Les étoiles les plus massives se transforment en supernova à la fin de leur « vie », mais cet événement n’a jamais pu être observé en direct. Pourtant, certains signes annonciateurs peuvent être repérés et sont à surveiller pour voir enfin un tel événement prochainement.

En 1604, le ciel brille étrangement et les astronomes de l’époque observent, médusés, une étoile exploser en direct. Plusieurs témoignages, notamment signés de Johannes Kepler, décrivent ce phénomène qui reste visible pendant toute une année et qui sera nommé, bien des siècles plus tard, « supernova ».

Depuis, l’humanité n’a pas été témoin d’un phénomène semblable, même si nos connaissances sur ces événements sont beaucoup plus grandes. Nous savons désormais qu’il s’agit d’une explosion d’étoile, un astre beaucoup plus massif que notre Soleil, qui se débarrasse brusquement de toute sa matière. Les vestiges de cette formidable explosion restent visibles à l’œil nu pendant des mois, même dans le cas d’événements très lointains.

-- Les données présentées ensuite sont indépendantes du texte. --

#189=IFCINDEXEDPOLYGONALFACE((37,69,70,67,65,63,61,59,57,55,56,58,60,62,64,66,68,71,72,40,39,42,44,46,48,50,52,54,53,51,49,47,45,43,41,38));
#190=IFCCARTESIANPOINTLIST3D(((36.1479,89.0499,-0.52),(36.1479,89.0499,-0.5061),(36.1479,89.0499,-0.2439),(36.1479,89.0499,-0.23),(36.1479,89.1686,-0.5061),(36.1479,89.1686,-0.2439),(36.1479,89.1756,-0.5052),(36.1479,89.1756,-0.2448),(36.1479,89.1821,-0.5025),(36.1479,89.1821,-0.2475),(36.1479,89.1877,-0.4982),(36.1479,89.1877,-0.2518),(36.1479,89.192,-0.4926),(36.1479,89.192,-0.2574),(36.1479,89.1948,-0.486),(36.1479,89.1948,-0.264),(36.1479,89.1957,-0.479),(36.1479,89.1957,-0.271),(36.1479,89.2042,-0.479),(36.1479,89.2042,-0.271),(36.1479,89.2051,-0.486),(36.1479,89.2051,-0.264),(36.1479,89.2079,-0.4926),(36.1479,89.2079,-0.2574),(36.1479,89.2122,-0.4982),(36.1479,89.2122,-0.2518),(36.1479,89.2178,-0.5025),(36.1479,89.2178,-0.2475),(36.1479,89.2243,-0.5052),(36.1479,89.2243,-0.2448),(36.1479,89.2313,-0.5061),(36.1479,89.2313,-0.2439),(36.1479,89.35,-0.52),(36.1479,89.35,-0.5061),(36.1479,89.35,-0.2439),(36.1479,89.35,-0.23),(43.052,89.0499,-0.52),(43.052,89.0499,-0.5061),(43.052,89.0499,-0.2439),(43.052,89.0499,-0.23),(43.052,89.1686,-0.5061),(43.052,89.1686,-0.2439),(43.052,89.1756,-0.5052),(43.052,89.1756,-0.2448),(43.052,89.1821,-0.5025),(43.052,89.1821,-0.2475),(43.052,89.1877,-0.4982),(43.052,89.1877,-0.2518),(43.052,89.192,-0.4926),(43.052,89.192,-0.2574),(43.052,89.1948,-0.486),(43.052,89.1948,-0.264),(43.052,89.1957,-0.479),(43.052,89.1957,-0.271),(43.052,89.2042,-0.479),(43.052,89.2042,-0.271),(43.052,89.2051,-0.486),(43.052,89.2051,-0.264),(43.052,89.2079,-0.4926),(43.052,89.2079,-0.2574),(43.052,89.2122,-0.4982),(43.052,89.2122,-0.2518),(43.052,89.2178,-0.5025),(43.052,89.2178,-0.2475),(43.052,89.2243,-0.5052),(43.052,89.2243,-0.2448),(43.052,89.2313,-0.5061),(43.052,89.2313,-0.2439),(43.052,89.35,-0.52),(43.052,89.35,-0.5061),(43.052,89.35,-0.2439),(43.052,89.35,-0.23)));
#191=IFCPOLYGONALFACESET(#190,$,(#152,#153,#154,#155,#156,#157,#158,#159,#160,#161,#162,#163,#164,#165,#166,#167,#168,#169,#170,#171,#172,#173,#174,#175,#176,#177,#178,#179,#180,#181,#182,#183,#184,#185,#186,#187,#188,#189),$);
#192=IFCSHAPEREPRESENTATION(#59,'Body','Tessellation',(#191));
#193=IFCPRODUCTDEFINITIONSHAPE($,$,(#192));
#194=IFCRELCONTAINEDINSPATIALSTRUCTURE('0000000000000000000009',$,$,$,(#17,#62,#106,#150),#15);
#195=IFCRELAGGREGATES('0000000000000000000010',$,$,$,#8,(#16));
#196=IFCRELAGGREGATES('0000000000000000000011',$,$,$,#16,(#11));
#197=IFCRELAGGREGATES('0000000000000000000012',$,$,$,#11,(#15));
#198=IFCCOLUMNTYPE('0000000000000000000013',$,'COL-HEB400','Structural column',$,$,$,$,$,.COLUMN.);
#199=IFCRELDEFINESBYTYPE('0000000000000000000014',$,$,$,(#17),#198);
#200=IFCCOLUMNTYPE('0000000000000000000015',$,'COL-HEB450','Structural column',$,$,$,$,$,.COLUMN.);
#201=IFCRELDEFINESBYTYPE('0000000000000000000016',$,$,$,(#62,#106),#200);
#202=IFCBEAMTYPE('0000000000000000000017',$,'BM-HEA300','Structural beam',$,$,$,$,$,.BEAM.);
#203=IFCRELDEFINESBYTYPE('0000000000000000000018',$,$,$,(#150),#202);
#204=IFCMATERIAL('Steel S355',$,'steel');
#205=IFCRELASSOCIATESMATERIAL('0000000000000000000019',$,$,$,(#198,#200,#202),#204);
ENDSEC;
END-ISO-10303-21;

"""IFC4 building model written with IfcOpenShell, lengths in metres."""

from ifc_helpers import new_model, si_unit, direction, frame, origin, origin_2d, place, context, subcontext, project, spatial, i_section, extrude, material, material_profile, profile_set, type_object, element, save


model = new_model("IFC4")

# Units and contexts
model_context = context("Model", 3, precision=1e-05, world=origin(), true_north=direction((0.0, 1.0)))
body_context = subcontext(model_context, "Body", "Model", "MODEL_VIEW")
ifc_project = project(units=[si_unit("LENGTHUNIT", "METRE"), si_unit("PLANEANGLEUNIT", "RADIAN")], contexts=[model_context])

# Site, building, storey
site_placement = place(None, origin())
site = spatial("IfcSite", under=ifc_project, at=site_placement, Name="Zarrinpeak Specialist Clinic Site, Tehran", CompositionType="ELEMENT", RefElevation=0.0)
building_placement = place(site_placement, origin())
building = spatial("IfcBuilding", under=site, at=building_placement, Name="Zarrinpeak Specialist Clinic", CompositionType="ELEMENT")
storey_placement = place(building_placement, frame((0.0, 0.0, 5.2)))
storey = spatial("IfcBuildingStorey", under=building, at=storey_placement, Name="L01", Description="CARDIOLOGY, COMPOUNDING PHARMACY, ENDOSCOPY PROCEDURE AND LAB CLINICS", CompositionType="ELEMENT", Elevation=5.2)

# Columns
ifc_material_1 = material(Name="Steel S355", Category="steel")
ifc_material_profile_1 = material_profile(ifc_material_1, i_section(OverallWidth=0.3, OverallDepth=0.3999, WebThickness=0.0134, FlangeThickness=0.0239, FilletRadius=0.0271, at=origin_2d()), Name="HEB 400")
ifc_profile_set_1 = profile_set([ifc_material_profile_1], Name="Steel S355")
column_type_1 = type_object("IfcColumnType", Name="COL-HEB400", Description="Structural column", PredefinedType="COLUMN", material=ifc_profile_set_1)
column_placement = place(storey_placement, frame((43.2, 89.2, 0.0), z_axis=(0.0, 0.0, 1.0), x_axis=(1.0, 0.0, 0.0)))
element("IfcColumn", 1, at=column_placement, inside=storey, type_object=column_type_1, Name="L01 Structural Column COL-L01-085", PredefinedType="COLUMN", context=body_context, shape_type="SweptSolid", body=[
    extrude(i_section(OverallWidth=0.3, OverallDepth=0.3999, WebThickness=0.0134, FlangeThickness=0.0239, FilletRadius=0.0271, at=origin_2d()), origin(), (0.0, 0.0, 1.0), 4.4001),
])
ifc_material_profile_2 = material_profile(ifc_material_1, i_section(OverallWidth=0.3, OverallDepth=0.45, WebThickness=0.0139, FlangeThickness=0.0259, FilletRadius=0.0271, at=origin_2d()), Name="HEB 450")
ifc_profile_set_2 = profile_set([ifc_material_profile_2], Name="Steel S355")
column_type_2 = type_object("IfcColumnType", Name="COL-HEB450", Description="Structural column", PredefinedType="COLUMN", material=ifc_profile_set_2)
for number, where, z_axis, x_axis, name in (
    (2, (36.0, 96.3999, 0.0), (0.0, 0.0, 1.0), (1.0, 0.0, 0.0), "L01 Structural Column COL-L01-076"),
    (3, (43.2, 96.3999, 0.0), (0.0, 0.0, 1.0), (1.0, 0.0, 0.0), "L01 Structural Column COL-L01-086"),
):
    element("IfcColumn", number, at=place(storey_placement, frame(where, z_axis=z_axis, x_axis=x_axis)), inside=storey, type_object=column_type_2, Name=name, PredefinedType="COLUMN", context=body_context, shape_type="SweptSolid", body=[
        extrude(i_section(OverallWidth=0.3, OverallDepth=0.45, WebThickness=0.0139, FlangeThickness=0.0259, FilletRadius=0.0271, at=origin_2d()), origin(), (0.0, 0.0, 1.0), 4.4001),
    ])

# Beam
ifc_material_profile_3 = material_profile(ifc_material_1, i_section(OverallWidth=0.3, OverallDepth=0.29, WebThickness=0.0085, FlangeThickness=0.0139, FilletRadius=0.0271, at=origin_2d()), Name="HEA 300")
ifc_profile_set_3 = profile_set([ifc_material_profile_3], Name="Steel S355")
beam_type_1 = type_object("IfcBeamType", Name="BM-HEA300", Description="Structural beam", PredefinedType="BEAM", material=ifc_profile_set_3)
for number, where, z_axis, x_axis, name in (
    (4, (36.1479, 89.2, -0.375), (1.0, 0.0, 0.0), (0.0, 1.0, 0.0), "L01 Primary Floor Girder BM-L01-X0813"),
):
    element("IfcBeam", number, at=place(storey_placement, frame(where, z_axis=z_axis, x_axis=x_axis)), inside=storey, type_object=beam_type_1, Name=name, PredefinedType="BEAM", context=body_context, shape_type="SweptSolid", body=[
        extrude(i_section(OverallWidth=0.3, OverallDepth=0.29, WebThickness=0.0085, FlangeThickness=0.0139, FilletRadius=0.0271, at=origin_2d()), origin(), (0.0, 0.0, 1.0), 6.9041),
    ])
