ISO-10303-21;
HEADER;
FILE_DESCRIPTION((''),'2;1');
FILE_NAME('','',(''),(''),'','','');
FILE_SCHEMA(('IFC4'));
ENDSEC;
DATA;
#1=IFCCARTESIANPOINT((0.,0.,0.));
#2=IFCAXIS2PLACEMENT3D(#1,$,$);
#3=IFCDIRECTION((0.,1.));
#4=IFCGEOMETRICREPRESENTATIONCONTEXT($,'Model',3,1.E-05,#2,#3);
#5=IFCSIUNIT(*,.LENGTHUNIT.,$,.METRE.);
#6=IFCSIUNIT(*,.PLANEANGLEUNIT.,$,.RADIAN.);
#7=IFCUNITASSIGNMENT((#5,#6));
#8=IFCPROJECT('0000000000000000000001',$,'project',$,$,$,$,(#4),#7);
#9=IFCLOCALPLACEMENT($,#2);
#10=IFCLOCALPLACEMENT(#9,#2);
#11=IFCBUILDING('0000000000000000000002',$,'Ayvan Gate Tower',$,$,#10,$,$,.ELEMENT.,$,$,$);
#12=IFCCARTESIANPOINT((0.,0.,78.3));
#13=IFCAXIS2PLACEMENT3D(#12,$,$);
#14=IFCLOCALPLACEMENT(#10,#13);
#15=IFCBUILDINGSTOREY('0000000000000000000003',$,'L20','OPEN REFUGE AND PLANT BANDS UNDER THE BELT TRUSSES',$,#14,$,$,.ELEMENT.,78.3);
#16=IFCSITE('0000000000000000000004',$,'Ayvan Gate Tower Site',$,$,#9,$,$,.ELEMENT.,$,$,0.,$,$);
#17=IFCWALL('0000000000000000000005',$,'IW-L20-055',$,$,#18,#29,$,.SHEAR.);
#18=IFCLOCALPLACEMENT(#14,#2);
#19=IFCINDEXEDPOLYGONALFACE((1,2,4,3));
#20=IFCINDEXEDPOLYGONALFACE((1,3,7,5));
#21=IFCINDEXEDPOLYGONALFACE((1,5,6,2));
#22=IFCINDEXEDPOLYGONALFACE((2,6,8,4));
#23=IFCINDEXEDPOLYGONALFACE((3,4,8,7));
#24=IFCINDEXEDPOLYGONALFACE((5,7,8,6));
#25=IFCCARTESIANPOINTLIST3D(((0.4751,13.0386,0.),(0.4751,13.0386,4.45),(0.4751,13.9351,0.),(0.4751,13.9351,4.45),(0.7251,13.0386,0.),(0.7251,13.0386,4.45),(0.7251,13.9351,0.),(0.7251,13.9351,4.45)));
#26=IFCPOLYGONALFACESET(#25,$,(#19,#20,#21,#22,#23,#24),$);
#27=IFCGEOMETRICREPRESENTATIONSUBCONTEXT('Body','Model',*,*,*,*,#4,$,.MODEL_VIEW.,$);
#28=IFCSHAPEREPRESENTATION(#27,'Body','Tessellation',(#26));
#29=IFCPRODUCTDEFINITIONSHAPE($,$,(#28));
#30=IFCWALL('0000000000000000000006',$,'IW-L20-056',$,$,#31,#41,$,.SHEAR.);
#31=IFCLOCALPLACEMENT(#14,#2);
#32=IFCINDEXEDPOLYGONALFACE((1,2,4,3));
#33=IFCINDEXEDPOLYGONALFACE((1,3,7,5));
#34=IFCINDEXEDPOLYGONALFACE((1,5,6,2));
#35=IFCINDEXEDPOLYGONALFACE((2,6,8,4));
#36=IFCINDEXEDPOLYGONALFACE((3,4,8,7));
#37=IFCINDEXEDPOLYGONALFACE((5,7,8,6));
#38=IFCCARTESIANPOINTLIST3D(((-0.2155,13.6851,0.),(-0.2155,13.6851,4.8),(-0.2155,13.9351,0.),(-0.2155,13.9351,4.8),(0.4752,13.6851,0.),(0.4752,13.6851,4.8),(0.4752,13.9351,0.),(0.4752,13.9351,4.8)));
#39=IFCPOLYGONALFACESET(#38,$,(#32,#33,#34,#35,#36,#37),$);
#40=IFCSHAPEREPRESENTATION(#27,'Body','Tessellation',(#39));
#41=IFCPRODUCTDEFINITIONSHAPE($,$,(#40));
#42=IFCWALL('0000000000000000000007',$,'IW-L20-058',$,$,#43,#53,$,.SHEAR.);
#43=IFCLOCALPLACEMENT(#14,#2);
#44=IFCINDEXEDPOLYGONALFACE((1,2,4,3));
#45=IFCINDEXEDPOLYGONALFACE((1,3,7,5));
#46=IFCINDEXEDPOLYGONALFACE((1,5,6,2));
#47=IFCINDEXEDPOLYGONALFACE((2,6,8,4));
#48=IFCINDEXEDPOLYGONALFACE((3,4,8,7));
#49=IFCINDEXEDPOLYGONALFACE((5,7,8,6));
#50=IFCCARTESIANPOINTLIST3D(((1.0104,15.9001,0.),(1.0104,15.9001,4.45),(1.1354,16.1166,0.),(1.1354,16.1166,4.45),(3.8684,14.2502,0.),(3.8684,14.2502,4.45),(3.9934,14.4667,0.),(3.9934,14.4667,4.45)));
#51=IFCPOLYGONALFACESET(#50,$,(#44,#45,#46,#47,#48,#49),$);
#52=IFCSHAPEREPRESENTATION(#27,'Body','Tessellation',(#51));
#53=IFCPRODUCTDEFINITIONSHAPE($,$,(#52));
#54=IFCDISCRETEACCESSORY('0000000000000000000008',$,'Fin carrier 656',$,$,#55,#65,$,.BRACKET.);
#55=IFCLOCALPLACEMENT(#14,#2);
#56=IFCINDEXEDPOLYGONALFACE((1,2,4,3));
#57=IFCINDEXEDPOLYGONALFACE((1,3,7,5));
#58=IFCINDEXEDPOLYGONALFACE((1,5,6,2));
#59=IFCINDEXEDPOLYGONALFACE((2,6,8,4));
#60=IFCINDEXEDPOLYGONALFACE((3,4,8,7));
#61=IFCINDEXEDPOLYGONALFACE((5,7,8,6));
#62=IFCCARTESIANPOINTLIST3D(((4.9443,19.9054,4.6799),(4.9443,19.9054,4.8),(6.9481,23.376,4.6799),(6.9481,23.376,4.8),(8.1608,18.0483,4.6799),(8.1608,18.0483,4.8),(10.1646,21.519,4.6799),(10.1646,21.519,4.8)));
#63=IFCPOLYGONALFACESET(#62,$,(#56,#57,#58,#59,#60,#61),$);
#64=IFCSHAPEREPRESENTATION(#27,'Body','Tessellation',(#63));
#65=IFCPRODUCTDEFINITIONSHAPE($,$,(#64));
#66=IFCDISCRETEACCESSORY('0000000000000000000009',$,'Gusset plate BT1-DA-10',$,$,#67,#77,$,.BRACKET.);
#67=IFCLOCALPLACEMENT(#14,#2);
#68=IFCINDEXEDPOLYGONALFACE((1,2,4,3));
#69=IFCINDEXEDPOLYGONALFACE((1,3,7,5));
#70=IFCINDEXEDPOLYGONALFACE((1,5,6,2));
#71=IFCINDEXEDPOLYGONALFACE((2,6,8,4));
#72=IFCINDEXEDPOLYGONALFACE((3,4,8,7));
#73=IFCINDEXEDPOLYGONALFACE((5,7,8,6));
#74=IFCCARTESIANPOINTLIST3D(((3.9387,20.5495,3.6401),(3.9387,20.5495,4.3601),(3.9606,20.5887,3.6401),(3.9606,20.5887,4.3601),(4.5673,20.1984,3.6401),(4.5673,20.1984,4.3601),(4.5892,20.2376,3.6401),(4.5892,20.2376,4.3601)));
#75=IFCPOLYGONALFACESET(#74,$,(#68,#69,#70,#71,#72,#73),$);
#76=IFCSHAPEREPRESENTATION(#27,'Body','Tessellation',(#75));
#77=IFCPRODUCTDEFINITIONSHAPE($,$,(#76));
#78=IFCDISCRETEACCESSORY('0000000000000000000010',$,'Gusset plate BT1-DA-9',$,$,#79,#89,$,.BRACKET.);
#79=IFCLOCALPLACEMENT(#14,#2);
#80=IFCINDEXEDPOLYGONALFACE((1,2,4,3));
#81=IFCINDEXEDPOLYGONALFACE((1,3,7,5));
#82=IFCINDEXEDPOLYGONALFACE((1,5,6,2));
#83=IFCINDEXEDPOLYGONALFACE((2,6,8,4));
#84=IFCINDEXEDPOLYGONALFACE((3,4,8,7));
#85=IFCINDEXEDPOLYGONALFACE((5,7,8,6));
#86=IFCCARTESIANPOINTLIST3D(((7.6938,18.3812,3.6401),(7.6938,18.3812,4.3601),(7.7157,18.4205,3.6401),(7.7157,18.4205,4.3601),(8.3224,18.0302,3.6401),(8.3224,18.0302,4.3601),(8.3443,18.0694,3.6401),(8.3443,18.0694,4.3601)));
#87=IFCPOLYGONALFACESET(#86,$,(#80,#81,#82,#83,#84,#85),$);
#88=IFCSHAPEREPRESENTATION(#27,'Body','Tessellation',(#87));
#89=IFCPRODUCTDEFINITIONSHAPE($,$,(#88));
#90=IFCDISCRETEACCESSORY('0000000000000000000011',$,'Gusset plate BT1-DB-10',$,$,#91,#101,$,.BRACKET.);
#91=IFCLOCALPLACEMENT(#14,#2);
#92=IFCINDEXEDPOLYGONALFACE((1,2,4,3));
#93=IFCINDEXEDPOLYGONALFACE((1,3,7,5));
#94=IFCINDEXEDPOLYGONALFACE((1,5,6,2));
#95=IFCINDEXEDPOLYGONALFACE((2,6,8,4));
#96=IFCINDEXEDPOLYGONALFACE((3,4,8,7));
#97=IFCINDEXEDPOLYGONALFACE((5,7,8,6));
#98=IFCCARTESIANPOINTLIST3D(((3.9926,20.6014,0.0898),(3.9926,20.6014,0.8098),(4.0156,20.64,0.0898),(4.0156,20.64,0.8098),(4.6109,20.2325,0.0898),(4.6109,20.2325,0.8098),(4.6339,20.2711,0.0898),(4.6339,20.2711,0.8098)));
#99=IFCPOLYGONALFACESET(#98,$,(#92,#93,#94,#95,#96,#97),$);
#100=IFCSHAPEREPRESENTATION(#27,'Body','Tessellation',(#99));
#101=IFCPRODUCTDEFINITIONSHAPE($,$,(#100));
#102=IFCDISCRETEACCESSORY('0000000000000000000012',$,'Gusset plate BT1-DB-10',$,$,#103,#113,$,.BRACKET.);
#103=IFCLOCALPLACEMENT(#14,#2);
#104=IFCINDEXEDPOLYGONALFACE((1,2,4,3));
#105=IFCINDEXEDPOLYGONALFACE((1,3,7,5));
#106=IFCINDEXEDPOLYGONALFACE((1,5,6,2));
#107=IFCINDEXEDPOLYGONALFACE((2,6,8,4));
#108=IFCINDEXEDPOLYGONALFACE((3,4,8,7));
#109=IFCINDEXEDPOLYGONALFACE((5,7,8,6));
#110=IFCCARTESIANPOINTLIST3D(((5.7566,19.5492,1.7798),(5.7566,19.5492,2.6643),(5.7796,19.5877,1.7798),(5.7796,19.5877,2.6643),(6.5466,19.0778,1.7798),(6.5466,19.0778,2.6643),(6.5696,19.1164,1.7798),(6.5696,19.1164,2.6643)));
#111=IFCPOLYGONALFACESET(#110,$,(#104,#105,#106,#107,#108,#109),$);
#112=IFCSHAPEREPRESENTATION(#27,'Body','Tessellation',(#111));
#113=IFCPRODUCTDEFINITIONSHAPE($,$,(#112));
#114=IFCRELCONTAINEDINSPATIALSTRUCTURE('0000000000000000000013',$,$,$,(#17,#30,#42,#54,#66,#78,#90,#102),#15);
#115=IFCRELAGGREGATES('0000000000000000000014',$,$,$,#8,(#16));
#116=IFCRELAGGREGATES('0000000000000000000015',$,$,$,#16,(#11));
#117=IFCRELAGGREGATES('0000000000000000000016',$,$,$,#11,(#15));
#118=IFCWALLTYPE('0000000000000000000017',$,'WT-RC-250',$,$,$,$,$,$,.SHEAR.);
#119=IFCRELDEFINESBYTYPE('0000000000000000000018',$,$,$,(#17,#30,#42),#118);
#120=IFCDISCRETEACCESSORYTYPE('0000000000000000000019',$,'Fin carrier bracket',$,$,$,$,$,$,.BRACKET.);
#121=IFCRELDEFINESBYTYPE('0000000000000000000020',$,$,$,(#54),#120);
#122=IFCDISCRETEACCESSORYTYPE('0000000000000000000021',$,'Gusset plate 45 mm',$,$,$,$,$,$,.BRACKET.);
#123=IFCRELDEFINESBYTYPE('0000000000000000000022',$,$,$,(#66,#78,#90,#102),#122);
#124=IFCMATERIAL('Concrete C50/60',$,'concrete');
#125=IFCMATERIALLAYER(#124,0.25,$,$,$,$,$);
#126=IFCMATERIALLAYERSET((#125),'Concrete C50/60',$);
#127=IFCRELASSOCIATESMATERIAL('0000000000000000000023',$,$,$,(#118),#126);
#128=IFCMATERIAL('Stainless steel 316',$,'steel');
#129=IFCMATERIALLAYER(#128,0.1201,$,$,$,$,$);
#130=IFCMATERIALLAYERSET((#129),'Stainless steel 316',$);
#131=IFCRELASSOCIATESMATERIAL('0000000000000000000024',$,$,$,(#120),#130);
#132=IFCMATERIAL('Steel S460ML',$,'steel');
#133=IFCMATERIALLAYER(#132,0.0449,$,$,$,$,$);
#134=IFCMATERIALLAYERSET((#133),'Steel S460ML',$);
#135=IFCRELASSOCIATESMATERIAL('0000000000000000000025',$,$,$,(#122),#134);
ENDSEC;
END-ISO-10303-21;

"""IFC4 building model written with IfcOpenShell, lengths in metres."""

from ifc_helpers import new_model, si_unit, direction, frame, frame_2d, origin, origin_2d, place, context, subcontext, project, spatial, rectangle, extrude, material, layer, layer_set, type_object, element, save


model = new_model("IFC4")

# Units and contexts
model_context = context("Model", 3, precision=1e-05, world=origin(), true_north=direction((0.0, 1.0)))
body_context = subcontext(model_context, "Body", "Model", "MODEL_VIEW")
ifc_project = project(units=[si_unit("LENGTHUNIT", "METRE"), si_unit("PLANEANGLEUNIT", "RADIAN")], contexts=[model_context])

# Site, building, storey
site_placement = place(None, origin())
site = spatial("IfcSite", under=ifc_project, at=site_placement, Name="Ayvan Gate Tower Site", CompositionType="ELEMENT", RefElevation=0.0)
building_placement = place(site_placement, origin())
building = spatial("IfcBuilding", under=site, at=building_placement, Name="Ayvan Gate Tower", CompositionType="ELEMENT")
storey_placement = place(building_placement, frame((0.0, 0.0, 78.3)))
storey = spatial("IfcBuildingStorey", under=building, at=storey_placement, Name="L20", Description="OPEN REFUGE AND PLANT BANDS UNDER THE BELT TRUSSES", CompositionType="ELEMENT", Elevation=78.3)

# Shared definitions
ifc_material_1 = material(Name="Steel S460ML", Category="steel")

# Walls
ifc_material_2 = material(Name="Concrete C50/60", Category="concrete")
ifc_layer_1 = layer(ifc_material_2, 0.25)
ifc_layer_set_1 = layer_set([ifc_layer_1], Name="Concrete C50/60")
wall_type_1 = type_object("IfcWallType", Name="WT-RC-250", PredefinedType="SHEAR", material=ifc_layer_set_1)
wall_1_placement = place(storey_placement, frame((0.6001, 13.0386, 0.0), z_axis=(0.0, 0.0, 1.0), x_axis=(0.0, 1.0, 0.0)))
element("IfcWall", 1, at=wall_1_placement, inside=storey, type_object=wall_type_1, Name="IW-L20-055", PredefinedType="SHEAR", context=body_context, shape_type="SweptSolid", body=[
    extrude(rectangle(XDim=0.8965, YDim=0.25, at=frame_2d((0.4482, 0.0))), origin(), (0.0, 0.0, 1.0), 4.45),
])
wall_2_placement = place(storey_placement, frame((0.4751, 13.8101, 0.0), z_axis=(0.0, 0.0, 1.0), x_axis=(-1.0, 0.0, 0.0)))
element("IfcWall", 2, at=wall_2_placement, inside=storey, type_object=wall_type_1, Name="IW-L20-056", PredefinedType="SHEAR", context=body_context, shape_type="SweptSolid", body=[
    extrude(rectangle(XDim=0.6907, YDim=0.25, at=frame_2d((0.3452, 0.0))), origin(), (0.0, 0.0, 1.0), 4.8),
])
wall_3_placement = place(storey_placement, frame((1.073, 16.0083, 0.0), z_axis=(0.0, 0.0, 1.0), x_axis=(0.86604, -0.499974, 0.0)))
element("IfcWall", 3, at=wall_3_placement, inside=storey, type_object=wall_type_1, Name="IW-L20-058", PredefinedType="SHEAR", context=body_context, shape_type="SweptSolid", body=[
    extrude(rectangle(XDim=3.3, YDim=0.25, at=frame_2d((1.6499, 0.0))), origin(), (0.0, 0.0, 1.0), 4.45),
])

Un tel spectacle serait incroyable et il y en a en permanence à travers l’Univers. Seulement, il ne se produit qu’une poignée de supernovae chaque siècle dans une galaxie comme la nôtre, pas plus de trois selon les études les plus optimistes. Toutes celles que nous pouvons observer ont lieu dans d’autres galaxies, et à chaque fois, elles sont détectées après l’explosion qui, elle, ne dure qu’une seconde. Heureusement, il peut être possible de prédire ces événements afin d’arriver à l’heure à la séance. C’est ce qu’affirme une nouvelle étude parue dans les Monthly Notices of the Royal Astronomical Society, le 13 octobre 2022.

Résidu d'une étoile massive ayant explosé en supernova. // Source : NASA and the Hubble Heritage Team (STScI/AURA) (image recadrée)
Résidu d’une étoile massive ayant explosé en supernova. // Source : NASA and the Hubble Heritage Team (STScI/AURA) (image recadrée)

« En premier lieu, nous nous sommes intéressés aux supergéantes rouges, raconte à Numerama un des auteurs, Bertrand Plez, professeur à l’Université de Montpellier. Ce sont les étoiles qui vont plus tard devenir des supernovae, et qui connaissent des vents importants qui leur font perdre leur masse rapidement. »

Pour l’étoile Bételgeuse, ça ne collait pas

Ces vents étaient déjà connus, il s’agit de phénomènes qui éjectent de la matière de l’étoile. Une poussière qui se retrouve ensuite présente, après une supernova. Il était donc à peu près admis que, par un mécanisme encore mal défini, l’étoile perdait de la matière en grande quantité avant d’exploser.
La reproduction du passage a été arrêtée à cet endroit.